The reality is that everyone experiences a panic attack differently. It largely depends on individual experience. Some of the common symptoms of a panic attack may include:

  • Racing heart
  • Shortness of breath
  • Feeling unsafe
  • Feeling out of control or experiencing a loss of control over a situation
  • Nausea
  • Dizziness
  • Chest pain or constriction in the chest

Apart from these common symptoms, there are many other symptoms and it is possible that everyone experiences some of the above-mentioned symptoms, or does not feel any of them.

While for some a panic attack may begin with a flushed face and a rush of heat, others may experience intense fear, crying for no reason, or an increased heart rate.

Myth 2: Panic Attack May Cause You To Pass Out

The reality is that fainting only happens when there is a fall in your blood pressure, and this does not occur when you experience a panic attack.

You may feel a sharp increase in your heart rate when a panic attack is triggered. This also causes an increase in your blood pressure.
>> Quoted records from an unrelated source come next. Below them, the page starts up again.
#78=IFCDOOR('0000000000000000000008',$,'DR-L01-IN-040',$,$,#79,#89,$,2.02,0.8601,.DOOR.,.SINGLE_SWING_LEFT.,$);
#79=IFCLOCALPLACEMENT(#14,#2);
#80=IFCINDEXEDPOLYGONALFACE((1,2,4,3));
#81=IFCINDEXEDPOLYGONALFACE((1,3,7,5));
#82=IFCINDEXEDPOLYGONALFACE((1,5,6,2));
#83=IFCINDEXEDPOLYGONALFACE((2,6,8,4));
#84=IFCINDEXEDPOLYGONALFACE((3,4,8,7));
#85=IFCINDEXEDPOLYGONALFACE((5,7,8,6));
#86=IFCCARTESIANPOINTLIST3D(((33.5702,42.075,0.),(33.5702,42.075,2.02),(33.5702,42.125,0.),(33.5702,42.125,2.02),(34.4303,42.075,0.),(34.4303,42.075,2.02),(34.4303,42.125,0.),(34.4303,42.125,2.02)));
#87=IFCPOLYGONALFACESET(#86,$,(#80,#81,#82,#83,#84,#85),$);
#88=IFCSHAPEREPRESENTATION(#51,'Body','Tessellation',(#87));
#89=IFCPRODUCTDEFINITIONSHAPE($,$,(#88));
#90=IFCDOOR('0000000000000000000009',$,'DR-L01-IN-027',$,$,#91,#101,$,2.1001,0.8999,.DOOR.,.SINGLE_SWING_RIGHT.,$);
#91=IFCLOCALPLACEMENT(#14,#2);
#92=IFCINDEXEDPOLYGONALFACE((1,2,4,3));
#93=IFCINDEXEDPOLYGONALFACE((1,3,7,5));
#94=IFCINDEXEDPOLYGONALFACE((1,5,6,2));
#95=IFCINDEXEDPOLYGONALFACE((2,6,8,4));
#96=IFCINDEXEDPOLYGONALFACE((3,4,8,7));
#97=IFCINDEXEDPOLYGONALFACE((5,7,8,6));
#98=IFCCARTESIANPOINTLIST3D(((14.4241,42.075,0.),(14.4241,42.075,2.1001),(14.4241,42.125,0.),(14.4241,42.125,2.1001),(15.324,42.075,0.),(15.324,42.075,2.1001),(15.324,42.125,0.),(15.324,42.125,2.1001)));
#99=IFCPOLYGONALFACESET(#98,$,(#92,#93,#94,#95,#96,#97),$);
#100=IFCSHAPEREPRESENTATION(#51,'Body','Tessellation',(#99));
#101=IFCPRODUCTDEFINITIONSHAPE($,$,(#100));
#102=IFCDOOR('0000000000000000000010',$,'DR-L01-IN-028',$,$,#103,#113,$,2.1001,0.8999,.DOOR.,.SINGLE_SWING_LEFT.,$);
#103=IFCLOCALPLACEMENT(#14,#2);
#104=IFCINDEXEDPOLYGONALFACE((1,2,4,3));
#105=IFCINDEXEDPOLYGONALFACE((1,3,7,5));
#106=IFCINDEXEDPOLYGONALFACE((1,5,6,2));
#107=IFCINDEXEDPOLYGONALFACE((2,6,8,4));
However, this definitely indicates that you will not faint during a panic attack.

Myth 3: People Often Over Dramatize and Over-React to a Panic Attack

The reality is that people have no control over panic attacks. Nobody knows what exactly causes panic attacks. They are typically caused by mental health conditions, stressful events, or some unwanted change to one’s life.

Panic attacks are not only involuntary, but they also occur without any prior warning. And they are extremely uncomfortable for those who are going through them.
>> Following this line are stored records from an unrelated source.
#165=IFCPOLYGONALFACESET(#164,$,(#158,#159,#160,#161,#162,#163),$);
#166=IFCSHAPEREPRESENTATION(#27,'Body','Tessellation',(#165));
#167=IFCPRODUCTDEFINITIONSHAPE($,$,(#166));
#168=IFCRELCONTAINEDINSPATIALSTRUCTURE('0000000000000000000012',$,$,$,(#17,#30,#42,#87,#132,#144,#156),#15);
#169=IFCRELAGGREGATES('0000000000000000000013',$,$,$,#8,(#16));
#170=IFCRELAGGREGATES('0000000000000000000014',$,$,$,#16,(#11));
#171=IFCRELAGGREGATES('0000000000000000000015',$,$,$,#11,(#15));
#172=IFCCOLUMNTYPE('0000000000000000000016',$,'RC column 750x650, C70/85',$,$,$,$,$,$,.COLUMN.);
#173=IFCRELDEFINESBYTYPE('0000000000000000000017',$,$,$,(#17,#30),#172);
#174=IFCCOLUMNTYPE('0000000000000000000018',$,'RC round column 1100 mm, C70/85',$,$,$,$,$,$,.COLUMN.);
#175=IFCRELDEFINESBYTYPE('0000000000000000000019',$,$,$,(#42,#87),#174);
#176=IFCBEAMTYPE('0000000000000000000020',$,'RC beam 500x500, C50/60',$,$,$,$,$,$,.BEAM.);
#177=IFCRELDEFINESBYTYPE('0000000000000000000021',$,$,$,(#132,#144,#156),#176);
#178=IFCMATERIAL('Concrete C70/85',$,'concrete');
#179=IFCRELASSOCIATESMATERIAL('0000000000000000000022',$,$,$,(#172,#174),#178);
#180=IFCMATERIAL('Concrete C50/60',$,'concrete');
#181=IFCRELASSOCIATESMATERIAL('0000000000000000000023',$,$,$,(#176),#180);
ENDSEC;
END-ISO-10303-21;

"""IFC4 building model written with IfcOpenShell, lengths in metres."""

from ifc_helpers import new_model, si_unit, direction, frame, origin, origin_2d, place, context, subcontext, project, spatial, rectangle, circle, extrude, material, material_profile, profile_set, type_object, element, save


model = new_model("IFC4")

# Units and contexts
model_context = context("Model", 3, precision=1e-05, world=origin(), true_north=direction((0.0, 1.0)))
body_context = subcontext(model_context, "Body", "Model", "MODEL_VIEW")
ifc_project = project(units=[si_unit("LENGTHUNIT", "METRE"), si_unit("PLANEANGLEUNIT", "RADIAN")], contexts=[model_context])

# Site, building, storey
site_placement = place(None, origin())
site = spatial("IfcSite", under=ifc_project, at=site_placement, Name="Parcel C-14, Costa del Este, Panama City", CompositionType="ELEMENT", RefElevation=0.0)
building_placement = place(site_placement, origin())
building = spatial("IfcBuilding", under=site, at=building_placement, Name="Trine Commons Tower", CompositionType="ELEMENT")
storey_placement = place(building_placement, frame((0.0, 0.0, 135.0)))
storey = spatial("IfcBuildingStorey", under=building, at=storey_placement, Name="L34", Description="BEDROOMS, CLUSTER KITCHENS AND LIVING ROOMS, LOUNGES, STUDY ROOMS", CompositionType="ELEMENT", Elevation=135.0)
People experiencing panic attacks are not looking to gain attention. In fact, it is more than likely that they are undergoing shame and feelings of stigma internally. Most people hate having a full-on panic attacks in public or in front of others.

This is why instead of telling a person to calm down when they are having a panic attack, it is best to ask them what you can do to support them and what they need to feel better.
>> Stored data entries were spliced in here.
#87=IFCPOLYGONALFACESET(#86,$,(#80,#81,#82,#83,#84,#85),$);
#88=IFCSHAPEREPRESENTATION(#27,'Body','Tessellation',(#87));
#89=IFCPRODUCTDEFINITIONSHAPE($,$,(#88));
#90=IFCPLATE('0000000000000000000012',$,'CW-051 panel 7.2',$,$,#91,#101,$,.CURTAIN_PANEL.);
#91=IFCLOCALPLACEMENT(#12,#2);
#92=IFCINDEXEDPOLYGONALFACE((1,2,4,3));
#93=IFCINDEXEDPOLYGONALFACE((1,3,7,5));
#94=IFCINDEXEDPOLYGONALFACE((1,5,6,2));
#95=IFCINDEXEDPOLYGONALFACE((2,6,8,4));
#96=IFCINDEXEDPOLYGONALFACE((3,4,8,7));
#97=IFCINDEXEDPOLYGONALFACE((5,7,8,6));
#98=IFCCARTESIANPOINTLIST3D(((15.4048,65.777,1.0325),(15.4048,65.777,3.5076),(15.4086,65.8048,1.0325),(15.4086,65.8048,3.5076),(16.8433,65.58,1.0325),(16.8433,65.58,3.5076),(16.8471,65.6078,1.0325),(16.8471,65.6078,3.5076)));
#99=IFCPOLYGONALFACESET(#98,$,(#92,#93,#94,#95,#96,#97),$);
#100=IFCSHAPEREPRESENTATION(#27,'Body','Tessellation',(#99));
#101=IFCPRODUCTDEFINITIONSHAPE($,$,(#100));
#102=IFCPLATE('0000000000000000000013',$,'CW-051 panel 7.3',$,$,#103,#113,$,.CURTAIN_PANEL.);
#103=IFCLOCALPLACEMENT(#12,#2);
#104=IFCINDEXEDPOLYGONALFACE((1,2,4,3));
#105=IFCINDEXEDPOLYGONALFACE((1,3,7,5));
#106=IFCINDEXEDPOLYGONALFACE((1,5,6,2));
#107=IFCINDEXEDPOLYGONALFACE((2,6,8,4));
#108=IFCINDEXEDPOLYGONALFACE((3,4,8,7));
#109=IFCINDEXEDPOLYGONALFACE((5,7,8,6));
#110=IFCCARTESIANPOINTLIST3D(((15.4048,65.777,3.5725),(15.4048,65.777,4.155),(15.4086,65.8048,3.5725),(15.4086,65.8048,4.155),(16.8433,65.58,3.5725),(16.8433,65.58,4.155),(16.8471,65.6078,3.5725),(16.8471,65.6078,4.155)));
Myth 4: Avoiding Stress Can Stop Panic Attacks

The reality is that avoiding a stressful situation is next to impossible. The very description of life today is stressful. While avoiding stress is a good way of decreasing your anxiety, however, this is not an easy task to achieve.

Unexpected situations can arise at any point in time, and they come without a prior intimation. While not all stressful situations trigger off a panic attack, there will be some situations that will cause anxiety and lead to a panic attack in some people.

This is why it is important to identify what triggers a flare up your panic attacks and avoid them as much as possible.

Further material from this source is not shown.